Gain latent sur option et positions symétriques : le refus de prise en compte des primes

Selon le Conseil d’Etat, le montant des gains non encore imposés sur contrat d’option qui limite la déduction d’une perte sur position symétrique ne s’établit pas sous déduction de la prime versée par l’acheteur en contrepartie de l’acquisition de l’option.

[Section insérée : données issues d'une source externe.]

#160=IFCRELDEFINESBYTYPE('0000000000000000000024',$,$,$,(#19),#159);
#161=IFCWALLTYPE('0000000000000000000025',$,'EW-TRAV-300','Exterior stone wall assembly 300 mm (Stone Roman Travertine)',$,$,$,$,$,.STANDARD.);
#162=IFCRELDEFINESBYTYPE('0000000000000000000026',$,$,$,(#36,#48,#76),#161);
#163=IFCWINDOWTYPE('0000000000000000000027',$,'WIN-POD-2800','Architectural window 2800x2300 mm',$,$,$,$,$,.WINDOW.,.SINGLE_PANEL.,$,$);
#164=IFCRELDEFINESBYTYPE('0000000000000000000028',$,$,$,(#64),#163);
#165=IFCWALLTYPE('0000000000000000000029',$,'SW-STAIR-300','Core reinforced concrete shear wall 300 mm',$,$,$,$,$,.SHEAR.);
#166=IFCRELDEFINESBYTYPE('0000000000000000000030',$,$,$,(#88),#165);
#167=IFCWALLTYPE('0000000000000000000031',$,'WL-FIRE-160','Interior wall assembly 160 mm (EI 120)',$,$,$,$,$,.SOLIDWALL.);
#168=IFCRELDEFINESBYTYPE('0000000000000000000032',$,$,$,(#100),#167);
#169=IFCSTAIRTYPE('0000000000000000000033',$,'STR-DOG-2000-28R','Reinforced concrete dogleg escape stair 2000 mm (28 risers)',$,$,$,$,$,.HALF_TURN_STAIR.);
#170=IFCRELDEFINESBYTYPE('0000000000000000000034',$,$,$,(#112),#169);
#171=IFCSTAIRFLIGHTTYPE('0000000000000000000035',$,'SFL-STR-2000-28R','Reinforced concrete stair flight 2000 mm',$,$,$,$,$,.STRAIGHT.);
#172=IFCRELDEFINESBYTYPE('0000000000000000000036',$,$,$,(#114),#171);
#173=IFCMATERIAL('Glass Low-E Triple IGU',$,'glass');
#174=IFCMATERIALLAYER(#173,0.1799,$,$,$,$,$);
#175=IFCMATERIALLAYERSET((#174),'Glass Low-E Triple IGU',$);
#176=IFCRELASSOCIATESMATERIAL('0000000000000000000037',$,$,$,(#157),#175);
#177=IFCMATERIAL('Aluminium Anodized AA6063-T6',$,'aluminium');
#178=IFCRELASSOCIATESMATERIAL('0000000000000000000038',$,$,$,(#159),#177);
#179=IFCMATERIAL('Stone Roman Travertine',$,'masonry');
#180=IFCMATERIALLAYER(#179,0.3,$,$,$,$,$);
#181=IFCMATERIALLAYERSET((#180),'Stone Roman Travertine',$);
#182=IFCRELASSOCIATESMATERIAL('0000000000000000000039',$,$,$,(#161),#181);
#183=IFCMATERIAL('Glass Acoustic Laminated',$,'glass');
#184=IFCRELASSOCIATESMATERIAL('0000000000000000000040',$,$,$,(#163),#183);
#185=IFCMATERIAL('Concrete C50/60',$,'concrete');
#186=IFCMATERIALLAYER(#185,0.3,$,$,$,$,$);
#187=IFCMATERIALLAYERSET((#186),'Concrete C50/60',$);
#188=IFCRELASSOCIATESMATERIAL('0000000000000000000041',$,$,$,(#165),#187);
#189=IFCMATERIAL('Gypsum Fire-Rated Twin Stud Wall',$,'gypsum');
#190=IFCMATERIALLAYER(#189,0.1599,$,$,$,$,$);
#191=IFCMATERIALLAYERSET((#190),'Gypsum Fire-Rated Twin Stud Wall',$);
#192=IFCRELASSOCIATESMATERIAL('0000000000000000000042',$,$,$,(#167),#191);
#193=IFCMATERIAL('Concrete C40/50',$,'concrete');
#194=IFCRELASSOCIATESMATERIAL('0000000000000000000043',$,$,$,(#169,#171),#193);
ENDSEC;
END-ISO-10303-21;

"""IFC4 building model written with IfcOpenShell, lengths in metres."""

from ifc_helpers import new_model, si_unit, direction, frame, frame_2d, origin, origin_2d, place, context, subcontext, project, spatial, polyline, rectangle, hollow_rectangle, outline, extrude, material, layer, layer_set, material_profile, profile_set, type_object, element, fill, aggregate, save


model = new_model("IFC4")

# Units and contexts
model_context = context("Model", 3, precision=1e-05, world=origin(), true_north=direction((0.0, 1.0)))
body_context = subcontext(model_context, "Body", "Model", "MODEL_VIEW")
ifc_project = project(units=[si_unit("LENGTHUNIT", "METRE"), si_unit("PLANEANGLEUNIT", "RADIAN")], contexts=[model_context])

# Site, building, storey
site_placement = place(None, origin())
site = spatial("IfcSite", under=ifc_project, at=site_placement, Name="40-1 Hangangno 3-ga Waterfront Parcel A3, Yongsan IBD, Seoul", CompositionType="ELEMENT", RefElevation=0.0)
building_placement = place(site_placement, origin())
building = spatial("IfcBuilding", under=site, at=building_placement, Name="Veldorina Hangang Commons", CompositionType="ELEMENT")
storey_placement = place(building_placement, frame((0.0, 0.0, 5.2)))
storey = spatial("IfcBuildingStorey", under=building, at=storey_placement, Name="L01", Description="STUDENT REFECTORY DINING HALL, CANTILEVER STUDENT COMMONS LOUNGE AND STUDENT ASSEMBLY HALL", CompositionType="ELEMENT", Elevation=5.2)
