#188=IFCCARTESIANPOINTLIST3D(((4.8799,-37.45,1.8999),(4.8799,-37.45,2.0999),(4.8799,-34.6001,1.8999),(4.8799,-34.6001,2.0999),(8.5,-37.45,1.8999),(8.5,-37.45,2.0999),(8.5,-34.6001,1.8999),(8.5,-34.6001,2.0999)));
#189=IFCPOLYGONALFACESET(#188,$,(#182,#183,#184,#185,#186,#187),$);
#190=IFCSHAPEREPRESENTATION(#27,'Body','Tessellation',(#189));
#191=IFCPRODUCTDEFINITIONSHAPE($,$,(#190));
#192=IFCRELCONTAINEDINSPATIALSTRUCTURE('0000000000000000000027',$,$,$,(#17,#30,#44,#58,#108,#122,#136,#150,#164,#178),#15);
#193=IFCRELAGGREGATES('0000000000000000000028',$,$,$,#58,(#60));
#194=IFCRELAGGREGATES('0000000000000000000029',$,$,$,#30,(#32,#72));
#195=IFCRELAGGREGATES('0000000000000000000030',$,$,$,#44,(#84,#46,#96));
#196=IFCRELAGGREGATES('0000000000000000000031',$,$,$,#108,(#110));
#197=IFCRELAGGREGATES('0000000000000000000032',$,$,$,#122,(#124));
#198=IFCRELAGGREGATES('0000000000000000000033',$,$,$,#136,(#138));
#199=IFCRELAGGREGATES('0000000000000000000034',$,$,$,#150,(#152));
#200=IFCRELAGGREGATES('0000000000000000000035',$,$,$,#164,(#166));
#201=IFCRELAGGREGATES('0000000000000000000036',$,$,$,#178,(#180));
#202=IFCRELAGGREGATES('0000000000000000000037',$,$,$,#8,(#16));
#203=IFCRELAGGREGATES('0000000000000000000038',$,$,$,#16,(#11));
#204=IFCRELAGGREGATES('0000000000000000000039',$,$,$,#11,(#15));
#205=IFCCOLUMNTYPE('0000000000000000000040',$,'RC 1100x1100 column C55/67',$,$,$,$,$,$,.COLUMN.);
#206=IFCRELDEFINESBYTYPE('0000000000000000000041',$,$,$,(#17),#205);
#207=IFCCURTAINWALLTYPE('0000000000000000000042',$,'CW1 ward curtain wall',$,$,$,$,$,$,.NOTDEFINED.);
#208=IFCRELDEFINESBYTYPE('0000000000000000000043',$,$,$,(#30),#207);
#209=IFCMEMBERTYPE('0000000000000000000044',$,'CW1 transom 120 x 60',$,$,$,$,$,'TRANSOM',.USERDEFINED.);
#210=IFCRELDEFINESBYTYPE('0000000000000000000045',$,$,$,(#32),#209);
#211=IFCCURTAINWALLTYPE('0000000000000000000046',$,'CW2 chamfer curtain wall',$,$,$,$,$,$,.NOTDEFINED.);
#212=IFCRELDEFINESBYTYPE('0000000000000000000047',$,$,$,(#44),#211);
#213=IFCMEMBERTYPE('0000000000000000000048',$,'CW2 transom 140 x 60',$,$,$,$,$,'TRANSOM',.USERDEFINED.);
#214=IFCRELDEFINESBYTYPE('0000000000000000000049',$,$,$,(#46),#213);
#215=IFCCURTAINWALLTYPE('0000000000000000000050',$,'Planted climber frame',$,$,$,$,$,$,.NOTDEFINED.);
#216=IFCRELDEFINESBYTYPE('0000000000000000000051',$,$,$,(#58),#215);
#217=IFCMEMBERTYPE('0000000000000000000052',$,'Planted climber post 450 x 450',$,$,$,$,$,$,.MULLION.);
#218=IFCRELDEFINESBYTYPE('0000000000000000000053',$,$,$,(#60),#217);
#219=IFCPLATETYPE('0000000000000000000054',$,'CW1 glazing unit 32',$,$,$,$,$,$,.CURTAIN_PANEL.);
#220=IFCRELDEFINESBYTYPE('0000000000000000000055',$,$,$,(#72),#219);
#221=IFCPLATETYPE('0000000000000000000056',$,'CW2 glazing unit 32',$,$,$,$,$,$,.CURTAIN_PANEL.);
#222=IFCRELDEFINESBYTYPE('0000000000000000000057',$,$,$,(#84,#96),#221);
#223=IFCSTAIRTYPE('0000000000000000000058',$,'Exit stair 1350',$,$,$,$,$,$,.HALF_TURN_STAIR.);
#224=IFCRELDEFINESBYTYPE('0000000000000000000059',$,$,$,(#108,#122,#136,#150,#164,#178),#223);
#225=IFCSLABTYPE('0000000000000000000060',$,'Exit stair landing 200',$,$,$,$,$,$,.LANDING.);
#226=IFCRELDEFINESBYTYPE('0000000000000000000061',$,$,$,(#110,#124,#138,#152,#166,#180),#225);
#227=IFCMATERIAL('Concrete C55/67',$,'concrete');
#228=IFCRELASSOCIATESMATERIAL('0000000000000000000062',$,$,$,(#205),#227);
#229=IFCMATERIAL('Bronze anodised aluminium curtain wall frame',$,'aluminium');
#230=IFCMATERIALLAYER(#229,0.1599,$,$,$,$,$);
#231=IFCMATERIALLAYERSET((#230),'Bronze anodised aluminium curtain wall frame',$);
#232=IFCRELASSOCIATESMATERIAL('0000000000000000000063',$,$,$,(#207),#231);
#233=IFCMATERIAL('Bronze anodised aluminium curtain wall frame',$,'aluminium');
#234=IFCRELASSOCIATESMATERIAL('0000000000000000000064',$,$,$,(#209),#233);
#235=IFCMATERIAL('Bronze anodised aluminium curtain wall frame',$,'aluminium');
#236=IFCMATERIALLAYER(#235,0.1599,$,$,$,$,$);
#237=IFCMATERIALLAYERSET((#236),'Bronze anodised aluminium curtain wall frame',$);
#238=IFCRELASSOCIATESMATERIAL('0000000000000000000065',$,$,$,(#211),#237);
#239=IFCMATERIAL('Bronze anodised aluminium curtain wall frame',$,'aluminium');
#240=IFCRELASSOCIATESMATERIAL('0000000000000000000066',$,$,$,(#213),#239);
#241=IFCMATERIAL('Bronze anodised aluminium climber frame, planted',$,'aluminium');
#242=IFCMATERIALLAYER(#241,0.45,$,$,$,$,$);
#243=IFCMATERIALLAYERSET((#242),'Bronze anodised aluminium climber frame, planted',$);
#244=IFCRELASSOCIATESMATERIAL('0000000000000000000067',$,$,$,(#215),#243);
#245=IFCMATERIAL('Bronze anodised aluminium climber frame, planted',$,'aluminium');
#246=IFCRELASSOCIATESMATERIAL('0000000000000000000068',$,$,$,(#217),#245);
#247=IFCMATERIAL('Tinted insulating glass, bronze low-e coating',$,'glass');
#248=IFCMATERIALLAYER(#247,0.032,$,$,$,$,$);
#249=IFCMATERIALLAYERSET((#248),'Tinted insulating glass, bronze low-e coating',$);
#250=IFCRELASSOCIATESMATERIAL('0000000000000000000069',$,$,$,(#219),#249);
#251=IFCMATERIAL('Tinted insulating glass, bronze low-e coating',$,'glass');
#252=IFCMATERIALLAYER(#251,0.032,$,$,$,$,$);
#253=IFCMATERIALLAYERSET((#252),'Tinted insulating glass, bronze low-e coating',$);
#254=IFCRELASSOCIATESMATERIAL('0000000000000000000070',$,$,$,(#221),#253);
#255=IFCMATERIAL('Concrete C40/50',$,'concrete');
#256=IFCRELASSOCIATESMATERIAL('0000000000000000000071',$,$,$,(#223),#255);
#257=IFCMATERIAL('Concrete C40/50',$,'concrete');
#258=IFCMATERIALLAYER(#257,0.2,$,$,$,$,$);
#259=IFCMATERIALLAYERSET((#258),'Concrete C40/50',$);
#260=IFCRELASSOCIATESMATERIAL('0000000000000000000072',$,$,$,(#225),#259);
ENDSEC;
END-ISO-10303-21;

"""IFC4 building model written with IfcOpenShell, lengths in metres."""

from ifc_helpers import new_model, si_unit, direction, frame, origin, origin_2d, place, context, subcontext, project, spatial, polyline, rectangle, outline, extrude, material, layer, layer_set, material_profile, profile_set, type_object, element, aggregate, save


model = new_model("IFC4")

Il était une époque lointaine où certaines entreprises pratiquaient le transfert de base fiscale d’un exercice sur l’autre en prenant des « positions symétriques ». A la clôture d’un exercice, la position perdante était débouclée, la position gagnante l’étant dans les premiers jours de l’exercice suivant (pratique dite des « bull and bear bonds »). Le législateur s’est ému à juste titre de ces pratiques, et a inséré à l’article 38-6-3° du CGI une règle selon laquelle une perte sur une position n’est pas déductible à hauteur du gain latent qui existe sur une position dite « symétrique[1] ». L’idée était de ne pas permettre la déduction d’une perte artificielle car compensée par un gain latent. Le champ d’application du texte est toutefois particulièrement large, et des opérations très éloignées de ce que le législateur cherchait à combattre en 1987 sont susceptibles de tomber dans son champ d’application.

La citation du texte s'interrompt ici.